Shea and Ali are just two prominent members of a wider movement for decentralization, according to Colin Pape, project lead at the decentralized search engine project Presearch. “There’s a growing awareness and a movement for transparency,” Pape told IBT. “Google has Wall Street to answer to and you have a small group of people in charge of a ton of information.”

google 2 Damore's memo was critical of Google's approach to diversity hiring and staffing. Photo: Getty

Google dominates internet searches, monopolizing global access to information in an almost unprecedented way. Quartz reported Google handles around two thirds of all web search queries. That’s completely antithesis of democratized internet freedom. So Presearch plans to launch a beta decentralized search engine in September, which could be fully operational  by the end of the year. Pape described it as more like Wikipedia than Bing.

“The users who are running it will basically act as the web crawlers,” Pape explained. “They will basically put a portion of the index on their machines. To put it in basic terms, we’re distributing the processing power needed to run the search engine.” The Presearch ICO has raised $5 million so far, according to Pape. The tokenized fundraising campaign will continue until around the end of September.

These PST tokens will incentivize people to contribute to the peer-run search engine. Tokens can be cashed in for advertising, similar to Google ads but without the tracking and monitoring. Plus, users will receive small cryptocurrency payments just for viewing these advertisements. Splitting revenue between contributors and consumers is the opposite of what most tech companies do today. “Google and other advertising companies or search engine providers treat you like the product. They are kind of monetizing you. We wanted to be really clear with what is advertising and what is not,” Pape said. “The premise behind the whole concept is open and transparent.”
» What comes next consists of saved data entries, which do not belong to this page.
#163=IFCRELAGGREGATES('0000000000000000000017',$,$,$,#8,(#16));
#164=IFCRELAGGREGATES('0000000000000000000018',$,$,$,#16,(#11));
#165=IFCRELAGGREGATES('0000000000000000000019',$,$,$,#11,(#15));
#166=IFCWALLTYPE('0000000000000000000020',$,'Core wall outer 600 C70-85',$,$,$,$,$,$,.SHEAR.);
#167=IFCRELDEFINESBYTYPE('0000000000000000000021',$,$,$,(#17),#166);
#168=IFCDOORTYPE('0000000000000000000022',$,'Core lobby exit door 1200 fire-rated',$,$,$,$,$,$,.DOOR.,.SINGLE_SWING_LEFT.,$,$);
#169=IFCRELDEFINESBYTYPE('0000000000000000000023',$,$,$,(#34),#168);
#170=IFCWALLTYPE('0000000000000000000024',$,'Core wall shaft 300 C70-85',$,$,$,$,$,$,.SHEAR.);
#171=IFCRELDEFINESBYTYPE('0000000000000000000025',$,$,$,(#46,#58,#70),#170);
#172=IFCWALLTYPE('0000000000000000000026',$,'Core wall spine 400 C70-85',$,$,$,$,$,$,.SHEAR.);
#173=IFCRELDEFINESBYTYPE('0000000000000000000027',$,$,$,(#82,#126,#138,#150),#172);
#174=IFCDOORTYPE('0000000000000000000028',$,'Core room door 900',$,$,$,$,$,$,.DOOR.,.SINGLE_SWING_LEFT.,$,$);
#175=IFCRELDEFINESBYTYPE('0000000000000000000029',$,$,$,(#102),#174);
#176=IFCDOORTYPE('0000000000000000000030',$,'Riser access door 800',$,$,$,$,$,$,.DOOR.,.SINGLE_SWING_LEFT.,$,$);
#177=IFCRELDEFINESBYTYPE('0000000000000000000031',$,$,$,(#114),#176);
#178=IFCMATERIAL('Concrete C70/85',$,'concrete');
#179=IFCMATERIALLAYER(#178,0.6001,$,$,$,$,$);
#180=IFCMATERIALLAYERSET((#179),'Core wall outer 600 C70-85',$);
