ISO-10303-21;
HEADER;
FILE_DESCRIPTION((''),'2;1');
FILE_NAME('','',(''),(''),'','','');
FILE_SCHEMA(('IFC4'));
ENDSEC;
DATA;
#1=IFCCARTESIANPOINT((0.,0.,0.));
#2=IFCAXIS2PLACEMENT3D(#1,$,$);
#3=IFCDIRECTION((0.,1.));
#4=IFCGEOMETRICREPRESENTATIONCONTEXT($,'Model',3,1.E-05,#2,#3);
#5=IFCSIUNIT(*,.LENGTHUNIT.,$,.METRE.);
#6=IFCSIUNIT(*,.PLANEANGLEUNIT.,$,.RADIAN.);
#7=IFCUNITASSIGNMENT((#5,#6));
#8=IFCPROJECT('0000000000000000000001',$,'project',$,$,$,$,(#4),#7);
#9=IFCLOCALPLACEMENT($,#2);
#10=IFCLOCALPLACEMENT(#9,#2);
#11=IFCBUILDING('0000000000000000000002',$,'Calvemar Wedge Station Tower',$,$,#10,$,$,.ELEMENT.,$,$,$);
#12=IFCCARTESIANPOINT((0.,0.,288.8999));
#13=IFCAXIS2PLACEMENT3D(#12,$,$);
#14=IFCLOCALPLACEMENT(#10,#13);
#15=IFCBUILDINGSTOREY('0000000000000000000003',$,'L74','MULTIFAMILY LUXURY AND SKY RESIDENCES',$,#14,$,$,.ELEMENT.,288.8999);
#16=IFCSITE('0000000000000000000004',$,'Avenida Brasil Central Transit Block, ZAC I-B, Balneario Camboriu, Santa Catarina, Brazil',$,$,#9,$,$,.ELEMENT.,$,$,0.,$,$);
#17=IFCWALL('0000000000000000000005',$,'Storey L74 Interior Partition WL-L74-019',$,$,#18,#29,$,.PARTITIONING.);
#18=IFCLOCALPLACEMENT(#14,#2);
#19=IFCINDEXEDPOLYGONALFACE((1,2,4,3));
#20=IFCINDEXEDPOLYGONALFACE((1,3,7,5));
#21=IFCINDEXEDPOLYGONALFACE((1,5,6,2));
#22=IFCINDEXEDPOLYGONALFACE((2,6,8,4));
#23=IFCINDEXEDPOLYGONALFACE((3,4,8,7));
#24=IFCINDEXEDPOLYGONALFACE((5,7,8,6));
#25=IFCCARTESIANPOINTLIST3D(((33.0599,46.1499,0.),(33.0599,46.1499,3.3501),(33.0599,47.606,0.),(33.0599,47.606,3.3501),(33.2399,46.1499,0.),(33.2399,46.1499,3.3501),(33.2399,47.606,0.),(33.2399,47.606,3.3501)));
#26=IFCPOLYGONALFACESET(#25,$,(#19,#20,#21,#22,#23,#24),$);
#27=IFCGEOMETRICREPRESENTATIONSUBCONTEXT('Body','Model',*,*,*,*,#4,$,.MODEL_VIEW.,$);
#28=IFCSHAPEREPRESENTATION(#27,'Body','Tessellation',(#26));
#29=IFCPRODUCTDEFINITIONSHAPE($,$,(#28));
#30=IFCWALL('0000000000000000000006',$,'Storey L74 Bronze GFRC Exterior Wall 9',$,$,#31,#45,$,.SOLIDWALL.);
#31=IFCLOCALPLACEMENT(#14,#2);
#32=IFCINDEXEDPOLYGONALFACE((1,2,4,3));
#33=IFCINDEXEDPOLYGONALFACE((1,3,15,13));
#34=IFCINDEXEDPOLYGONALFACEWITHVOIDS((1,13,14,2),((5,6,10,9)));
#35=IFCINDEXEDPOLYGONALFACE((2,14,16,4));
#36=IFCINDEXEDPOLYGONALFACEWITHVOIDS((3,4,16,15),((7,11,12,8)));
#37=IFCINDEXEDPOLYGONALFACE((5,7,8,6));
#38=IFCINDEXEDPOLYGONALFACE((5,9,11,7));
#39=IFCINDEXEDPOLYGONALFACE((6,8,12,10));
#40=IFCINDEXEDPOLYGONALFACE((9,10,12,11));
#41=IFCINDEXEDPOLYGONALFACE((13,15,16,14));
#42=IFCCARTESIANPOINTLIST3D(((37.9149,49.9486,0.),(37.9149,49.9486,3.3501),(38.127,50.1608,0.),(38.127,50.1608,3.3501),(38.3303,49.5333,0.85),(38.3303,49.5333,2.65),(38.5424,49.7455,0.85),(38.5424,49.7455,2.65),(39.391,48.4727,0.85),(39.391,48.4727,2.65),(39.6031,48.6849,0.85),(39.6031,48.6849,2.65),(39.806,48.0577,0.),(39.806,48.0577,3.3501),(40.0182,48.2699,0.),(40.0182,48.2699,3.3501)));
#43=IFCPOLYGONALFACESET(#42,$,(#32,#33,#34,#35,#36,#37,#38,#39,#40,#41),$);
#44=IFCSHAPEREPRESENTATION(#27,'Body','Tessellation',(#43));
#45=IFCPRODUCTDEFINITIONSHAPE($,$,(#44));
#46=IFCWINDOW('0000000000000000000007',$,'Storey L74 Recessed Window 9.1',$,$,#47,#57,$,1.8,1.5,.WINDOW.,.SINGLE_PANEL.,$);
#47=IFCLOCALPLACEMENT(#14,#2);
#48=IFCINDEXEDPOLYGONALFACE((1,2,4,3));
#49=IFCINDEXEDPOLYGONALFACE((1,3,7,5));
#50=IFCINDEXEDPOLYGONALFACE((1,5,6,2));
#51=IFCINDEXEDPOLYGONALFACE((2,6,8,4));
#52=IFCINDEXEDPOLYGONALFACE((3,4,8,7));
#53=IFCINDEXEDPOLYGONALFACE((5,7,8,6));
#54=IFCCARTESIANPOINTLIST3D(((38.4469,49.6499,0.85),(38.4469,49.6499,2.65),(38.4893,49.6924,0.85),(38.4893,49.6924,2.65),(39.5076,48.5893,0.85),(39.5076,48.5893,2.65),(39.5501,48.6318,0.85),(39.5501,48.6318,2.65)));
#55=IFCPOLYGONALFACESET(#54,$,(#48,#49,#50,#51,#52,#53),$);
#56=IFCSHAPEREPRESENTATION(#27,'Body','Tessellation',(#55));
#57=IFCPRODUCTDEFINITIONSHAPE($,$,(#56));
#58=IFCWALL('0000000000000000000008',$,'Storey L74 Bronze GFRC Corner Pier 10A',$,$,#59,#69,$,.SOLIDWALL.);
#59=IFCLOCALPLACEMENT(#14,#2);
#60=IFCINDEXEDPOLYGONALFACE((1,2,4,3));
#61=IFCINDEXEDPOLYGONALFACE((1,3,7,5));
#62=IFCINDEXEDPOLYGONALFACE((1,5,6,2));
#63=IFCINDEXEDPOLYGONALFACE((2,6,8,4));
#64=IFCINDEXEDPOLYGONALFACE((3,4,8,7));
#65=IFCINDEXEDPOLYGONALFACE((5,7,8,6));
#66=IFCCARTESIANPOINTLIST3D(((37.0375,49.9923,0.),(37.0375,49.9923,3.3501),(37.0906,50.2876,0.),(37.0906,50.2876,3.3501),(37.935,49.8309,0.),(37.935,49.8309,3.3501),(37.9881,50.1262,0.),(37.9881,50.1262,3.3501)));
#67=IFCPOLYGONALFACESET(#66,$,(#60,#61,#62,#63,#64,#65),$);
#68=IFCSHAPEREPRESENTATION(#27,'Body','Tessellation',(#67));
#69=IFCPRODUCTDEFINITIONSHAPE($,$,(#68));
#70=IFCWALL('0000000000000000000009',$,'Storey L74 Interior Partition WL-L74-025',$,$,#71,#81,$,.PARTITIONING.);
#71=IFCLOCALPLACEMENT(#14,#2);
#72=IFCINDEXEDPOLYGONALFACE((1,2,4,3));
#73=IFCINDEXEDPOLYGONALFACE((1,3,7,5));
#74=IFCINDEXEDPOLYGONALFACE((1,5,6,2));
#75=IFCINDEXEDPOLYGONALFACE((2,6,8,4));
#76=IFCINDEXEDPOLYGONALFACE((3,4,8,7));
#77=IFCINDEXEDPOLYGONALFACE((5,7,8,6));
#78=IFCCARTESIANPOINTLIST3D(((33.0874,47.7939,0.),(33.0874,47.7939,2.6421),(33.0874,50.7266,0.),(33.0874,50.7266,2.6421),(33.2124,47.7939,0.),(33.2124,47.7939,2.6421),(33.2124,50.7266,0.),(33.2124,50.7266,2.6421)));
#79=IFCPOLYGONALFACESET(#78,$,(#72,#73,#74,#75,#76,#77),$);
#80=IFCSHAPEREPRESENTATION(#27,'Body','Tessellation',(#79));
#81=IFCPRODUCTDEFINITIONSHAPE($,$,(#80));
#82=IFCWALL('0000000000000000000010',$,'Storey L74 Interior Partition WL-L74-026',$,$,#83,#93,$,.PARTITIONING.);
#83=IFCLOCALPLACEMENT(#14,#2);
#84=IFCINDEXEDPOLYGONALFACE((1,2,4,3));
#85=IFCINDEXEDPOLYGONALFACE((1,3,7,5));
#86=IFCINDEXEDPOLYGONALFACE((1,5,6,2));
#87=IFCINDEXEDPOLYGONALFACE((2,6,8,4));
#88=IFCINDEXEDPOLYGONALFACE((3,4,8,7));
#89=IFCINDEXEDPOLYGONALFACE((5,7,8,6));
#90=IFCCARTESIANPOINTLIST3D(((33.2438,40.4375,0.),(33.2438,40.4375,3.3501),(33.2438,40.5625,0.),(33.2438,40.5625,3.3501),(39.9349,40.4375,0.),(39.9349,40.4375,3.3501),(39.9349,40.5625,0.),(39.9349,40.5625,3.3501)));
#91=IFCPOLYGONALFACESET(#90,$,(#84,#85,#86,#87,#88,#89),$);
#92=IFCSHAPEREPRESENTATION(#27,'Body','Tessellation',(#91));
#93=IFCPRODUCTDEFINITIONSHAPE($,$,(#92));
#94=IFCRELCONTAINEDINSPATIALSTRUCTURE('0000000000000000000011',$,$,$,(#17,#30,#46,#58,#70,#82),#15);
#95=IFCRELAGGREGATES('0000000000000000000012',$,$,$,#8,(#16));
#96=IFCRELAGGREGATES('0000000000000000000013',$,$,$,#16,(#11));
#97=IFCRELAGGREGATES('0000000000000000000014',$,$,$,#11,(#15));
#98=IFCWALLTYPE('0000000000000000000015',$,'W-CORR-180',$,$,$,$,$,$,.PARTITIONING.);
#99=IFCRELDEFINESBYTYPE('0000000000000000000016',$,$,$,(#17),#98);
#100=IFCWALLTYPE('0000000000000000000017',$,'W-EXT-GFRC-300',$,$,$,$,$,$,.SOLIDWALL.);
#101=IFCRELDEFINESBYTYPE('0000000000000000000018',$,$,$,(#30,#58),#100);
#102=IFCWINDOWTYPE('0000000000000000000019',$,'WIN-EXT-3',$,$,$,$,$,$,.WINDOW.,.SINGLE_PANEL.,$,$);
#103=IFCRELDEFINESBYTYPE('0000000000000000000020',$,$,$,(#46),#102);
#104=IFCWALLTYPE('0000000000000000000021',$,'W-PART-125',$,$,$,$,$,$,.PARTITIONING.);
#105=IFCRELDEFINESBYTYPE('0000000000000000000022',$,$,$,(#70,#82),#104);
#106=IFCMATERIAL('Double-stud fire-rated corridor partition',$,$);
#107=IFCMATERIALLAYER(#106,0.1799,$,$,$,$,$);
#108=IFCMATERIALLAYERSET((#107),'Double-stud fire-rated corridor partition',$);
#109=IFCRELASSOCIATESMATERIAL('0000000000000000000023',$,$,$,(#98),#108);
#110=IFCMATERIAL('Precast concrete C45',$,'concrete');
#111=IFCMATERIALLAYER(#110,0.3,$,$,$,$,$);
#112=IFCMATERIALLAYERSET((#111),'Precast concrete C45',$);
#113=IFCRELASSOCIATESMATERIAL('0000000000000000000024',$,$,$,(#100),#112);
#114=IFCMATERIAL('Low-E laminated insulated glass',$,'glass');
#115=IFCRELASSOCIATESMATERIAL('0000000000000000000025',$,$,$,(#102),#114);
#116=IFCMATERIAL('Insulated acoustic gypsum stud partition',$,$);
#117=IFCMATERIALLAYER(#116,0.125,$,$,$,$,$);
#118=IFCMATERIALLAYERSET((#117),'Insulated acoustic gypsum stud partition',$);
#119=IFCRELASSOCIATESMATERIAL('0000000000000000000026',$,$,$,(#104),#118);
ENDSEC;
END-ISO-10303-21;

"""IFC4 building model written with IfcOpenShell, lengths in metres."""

from ifc_helpers import new_model, si_unit, direction, frame, frame_2d, origin, place, context, subcontext, project, spatial, rectangle, extrude, source, transform, mapped, material, layer, layer_set, type_object, element, fill, save


model = new_model("IFC4")

# Units and contexts
model_context = context("Model", 3, precision=1e-05, world=origin(), true_north=direction((0.0, 1.0)))
body_context = subcontext(model_context, "Body", "Model", "MODEL_VIEW")
ifc_project = project(units=[si_unit("LENGTHUNIT", "METRE"), si_unit("PLANEANGLEUNIT", "RADIAN")], contexts=[model_context])

# Site, building, storey
site_placement = place(None, origin())
site = spatial("IfcSite", under=ifc_project, at=site_placement, Name="Avenida Brasil Central Transit Block, ZAC I-B, Balneario Camboriu, Santa Catarina, Brazil", CompositionType="ELEMENT", RefElevation=0.0)
building_placement = place(site_placement, origin())
building = spatial("IfcBuilding", under=site, at=building_placement, Name="Calvemar Wedge Station Tower", CompositionType="ELEMENT")
storey_placement = place(building_placement, frame((0.0, 0.0, 288.8999)))
storey = spatial("IfcBuildingStorey", under=building, at=storey_placement, Name="L74", Description="MULTIFAMILY LUXURY AND SKY RESIDENCES", CompositionType="ELEMENT", Elevation=288.8999)

# Shared definitions
ifc_material_1 = material(Name="Low-E laminated insulated glass", Category="glass")

# Wall
ifc_material_2 = material(Name="Double-stud fire-rated corridor partition")
ifc_layer_1 = layer(ifc_material_2, 0.1799)
ifc_layer_set_1 = layer_set([ifc_layer_1], Name="Double-stud fire-rated corridor partition")
wall_type_1 = type_object("IfcWallType", Name="W-CORR-180", PredefinedType="PARTITIONING", material=ifc_layer_set_1)
wall_1_placement = place(storey_placement, frame((33.1499, 47.606, 0.0), z_axis=(0.0, 0.0, 1.0), x_axis=(0.0, -1.0, 0.0)))
element("IfcWall", 1, at=wall_1_placement, inside=storey, type_object=wall_type_1, Name="Storey L74 Interior Partition WL-L74-019", PredefinedType="PARTITIONING", context=body_context, shape_type="SweptSolid", body=[
    extrude(rectangle(XDim=1.4561, YDim=0.1799, at=frame_2d((0.728, 0.0))), origin(), (0.0, 0.0, 1.0), 3.3501),
])

# Wall, opening, window
ifc_material_3 = material(Name="Precast concrete C45", Category="concrete")
ifc_layer_2 = layer(ifc_material_3, 0.3)
ifc_layer_set_2 = layer_set([ifc_layer_2], Name="Precast concrete C45")
wall_type_2 = type_object("IfcWallType", Name="W-EXT-GFRC-300", PredefinedType="SOLIDWALL", material=ifc_layer_set_2)
wall_2_placement = place(storey_placement, frame((39.9121, 48.1638, 0.0), z_axis=(0.0, 0.0, 1.0), x_axis=(-0.707152, 0.707061, 0.0)))
wall_2 = element("IfcWall", 2, at=wall_2_placement, inside=storey, type_object=wall_type_2, Name="Storey L74 Bronze GFRC Exterior Wall 9", PredefinedType="SOLIDWALL", context=body_context, shape_type="SweptSolid", body=[
    extrude(rectangle(XDim=2.6743, YDim=0.3, at=frame_2d((1.3372, 0.0))), origin(), (0.0, 0.0, 1.0), 3.3501),
])
shared_shape_1 = source(origin(), body_context, "Body", "SweptSolid", [
    extrude(rectangle(XDim=1.5, YDim=1.8, at=frame_2d((0.75, 0.8999))), frame((0.0, 0.1602, 0.0), z_axis=(0.0, -1.0, 0.0), x_axis=(1.0, 0.0, 0.0)), (0.0, 0.0, 1.0), 0.3201),
])
opening_1_placement = place(wall_2_placement, frame((0.5869, 0.0, 0.8501)))
opening_1 = element("IfcOpeningElement", 3, at=opening_1_placement, cuts=wall_2, PredefinedType="OPENING", context=body_context, shape_type="MappedRepresentation", body=[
All things considered, cryptocurrency and blockchain technologies are a crucial part of a wider shift towards decentralization. Many of these bitcoin-loving idealists aren’t just griping about powerful institutions while swapping tokens among themselves. They are building replacements. Decentralized technologies are attracting more funding, which could turn these dreams into reality much sooner than experts previously predicted. “We’ll see a massive explosion of innovation,” Shea said. “Especially in the software sector. We believe it will be heavily accelerated.”